Kitchen renovation is a virus that preys upon the middle-aged homeowner. We caught it from our friends Dave and Kate, who caught it from Bill and Adair, who got it from reading magazines like Martha Stewart Living. We didn’t have the requisite $20,000 on hand, so Ed announced he’d build the cabinets himself. I recall the moment clearly, the way people recall where they were when JFK was shot or the Mets won the ’69 World Series.
Let me give you some perspective here. Our bathroom faucet is enameled with faux porcelain that has begun to chip off. Early in 1996, Ed purchased a tube of something called Porc-a-Fix, intending to fill in the chips. I came across the Porc-a-Fix, unopened and in its original packaging, inside a kitchen drawer recently. So long had it been that I no longer recalled the original purpose of the product and took it to be some sort of ham seasoning.
Ed looked at the tube. “I’ll get to that this weekend,” he said. Home repair projects around our house generally fall into two categories: “I’ll get to that this weekend” and “I’ll get to that this summer.” Followed by an eventual shift to a third category: “I’ll get the Yellow Pages.”
Make no mistake, my husband is a highly competent man. He has laid hardwood floors, put up walls, installed skylights. Most of this he did during a period of unemployment in his 20s. These days he works a full-time job, and thus spends his time off avoiding anything that sounds like work. If woodworking were called, say, “relaxing with wood,” things might actually get built.
The other problem is that guy Norm Abram. Abram hosts the PBS show Yankee Workshop, which is misleading, because you picture Nathan Hale stooped in some low-ceilinged, poorly lit Connecticut basement. When in reality, Norm Abram’s workshop is the size of the Vatican. Norm has every power tool ever invented. His workshop is airy and bright and well heated.
“Now I’m just going to walk over here and switch on my laminate trimmer,” Norm will say, and men across America go, “Yes! I’m going to go switch on my laminate trimmer too!” And then they get to the basement and their wives have laundry on the workbench, and mice are living in the biscuit joiner, and it’s cold and dank, and upstairs the Cubs are playing the Marlins, and that is pretty much that. In the case of the kitchen cabinet project, it’s not Norm’s fault. It’s Charlie’s. Charlie is a friend of Ed’s, who recently—in the time it would take Ed to unearth the cordless drill and go find batteries for it, make a sandwich, see if the Cubs are still ahead and nod off on the sofa—redid his kitchen.

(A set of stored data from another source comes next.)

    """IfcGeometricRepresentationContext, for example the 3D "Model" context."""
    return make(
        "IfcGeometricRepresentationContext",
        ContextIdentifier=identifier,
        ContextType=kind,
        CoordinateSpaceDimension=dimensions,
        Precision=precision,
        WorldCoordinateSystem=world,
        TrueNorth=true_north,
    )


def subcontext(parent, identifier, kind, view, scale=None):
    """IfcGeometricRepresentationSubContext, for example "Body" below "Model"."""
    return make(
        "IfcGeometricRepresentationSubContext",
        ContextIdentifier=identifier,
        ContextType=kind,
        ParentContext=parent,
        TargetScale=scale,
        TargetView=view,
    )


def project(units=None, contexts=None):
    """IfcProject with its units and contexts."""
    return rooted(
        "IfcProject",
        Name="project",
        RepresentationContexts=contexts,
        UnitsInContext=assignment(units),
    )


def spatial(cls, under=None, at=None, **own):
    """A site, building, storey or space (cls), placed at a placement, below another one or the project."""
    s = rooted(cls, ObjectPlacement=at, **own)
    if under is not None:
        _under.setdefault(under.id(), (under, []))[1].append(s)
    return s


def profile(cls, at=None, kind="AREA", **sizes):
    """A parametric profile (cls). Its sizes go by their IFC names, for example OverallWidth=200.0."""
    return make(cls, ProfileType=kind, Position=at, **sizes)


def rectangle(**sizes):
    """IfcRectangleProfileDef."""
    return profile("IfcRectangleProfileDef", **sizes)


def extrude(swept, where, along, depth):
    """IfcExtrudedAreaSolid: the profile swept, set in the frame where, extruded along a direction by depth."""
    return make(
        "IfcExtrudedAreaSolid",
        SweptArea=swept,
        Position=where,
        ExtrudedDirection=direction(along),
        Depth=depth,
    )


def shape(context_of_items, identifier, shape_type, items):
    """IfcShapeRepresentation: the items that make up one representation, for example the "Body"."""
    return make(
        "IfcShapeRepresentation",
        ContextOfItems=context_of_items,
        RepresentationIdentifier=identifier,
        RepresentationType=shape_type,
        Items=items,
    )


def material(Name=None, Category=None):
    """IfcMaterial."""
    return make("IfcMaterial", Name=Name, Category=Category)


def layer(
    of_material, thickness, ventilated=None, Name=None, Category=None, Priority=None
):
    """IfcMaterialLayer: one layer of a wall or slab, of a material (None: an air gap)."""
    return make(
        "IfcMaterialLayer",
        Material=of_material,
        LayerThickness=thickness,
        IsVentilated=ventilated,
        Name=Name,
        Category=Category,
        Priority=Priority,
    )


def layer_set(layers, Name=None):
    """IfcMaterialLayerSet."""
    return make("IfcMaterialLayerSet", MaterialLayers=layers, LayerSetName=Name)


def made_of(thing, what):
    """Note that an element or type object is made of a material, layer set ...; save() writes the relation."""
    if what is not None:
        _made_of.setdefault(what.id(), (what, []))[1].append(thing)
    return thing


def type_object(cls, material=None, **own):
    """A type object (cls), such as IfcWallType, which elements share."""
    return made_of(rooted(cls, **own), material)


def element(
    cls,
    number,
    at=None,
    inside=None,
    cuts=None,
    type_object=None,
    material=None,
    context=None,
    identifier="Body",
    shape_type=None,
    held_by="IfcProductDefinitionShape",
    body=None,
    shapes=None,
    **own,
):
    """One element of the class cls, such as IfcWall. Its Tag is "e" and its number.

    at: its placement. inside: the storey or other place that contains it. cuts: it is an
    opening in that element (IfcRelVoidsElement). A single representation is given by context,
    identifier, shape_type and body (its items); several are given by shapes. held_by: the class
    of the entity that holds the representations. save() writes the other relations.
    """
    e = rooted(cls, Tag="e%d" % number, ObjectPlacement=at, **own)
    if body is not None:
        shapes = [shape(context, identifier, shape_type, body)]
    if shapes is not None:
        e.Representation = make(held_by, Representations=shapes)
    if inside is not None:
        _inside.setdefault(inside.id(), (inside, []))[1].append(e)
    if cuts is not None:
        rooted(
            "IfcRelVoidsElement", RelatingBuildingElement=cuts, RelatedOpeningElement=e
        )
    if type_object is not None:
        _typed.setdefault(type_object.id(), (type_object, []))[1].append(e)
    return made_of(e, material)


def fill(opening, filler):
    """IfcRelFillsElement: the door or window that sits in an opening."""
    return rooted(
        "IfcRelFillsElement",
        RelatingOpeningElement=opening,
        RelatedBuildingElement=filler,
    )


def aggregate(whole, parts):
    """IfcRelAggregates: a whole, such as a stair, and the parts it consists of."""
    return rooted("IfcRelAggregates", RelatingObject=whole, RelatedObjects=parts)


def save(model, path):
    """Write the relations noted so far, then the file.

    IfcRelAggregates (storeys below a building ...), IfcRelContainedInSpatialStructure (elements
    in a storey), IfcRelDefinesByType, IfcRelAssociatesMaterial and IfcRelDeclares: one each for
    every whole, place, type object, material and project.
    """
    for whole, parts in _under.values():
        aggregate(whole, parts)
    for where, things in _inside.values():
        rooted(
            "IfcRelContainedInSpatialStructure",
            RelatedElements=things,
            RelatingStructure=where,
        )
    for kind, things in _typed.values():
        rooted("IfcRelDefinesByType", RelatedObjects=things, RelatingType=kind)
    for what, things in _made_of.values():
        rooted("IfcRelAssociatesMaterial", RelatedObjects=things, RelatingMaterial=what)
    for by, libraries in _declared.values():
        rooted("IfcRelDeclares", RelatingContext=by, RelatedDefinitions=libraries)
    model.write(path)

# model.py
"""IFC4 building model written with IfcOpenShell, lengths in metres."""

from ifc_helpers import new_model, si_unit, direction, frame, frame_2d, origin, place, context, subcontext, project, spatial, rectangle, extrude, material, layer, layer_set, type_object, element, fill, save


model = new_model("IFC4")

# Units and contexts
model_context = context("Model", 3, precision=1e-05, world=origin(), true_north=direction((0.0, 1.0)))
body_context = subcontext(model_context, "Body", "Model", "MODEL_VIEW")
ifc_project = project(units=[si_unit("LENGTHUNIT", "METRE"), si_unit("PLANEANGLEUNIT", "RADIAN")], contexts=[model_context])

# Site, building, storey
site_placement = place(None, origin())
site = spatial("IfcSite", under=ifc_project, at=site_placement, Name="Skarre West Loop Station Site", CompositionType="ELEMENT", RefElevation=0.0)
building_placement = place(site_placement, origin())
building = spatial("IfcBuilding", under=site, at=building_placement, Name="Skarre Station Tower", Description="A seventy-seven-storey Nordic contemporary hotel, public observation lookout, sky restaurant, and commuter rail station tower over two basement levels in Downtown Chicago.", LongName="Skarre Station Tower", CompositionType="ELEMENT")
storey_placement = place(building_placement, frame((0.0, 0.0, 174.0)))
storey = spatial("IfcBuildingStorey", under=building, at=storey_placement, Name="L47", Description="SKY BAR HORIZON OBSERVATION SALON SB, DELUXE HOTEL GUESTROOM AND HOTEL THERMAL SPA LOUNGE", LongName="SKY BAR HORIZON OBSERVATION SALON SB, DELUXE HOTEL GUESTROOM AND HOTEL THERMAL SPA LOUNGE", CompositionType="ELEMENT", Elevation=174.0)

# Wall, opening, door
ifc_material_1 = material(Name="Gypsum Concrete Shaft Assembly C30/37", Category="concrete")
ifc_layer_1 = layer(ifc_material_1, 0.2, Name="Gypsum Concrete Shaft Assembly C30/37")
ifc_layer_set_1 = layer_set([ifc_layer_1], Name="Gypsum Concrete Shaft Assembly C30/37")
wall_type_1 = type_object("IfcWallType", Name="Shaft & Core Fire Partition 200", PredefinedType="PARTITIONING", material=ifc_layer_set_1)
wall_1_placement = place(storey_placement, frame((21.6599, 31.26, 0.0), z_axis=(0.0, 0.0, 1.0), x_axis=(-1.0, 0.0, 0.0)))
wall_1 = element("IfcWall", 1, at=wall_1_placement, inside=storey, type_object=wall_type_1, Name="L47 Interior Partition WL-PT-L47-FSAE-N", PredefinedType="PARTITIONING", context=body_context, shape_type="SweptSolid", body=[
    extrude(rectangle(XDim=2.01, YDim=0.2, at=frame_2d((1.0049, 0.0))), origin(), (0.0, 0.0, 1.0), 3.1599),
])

I pointed out that Charlie is retired.
“Good idea,” said Ed. He was all set to retire too. “With all the money we’ll be saving by making our own furniture, why…”
I reminded Ed about the marble-top sideboard incident. Some years back, Ed found a piece of marble at a bargain price somewhere and decided to build a dining room sideboard around it. This required the purchase of a lathe and the aforementioned biscuit joiner, plus all the wood: an outlay of some $500. If he’d actually made the thing, we might still have come out ahead. Instead we came out with a slab of marble and some costly rodent housing.
I try to get Ed to focus on smaller projects—for instance, picture framing. Three years ago he took me up on this and bought a miter box and a mount cutter. For three years now, photographs and artwork have been piling up in the den. Every now and then, you hear them talking to one another as you pass by.
“How long you been waiting here?”
“’Bout a year. But I hear he’s got the miter box and everything. Just the other day I heard him say he’s going to get to it this weekend.”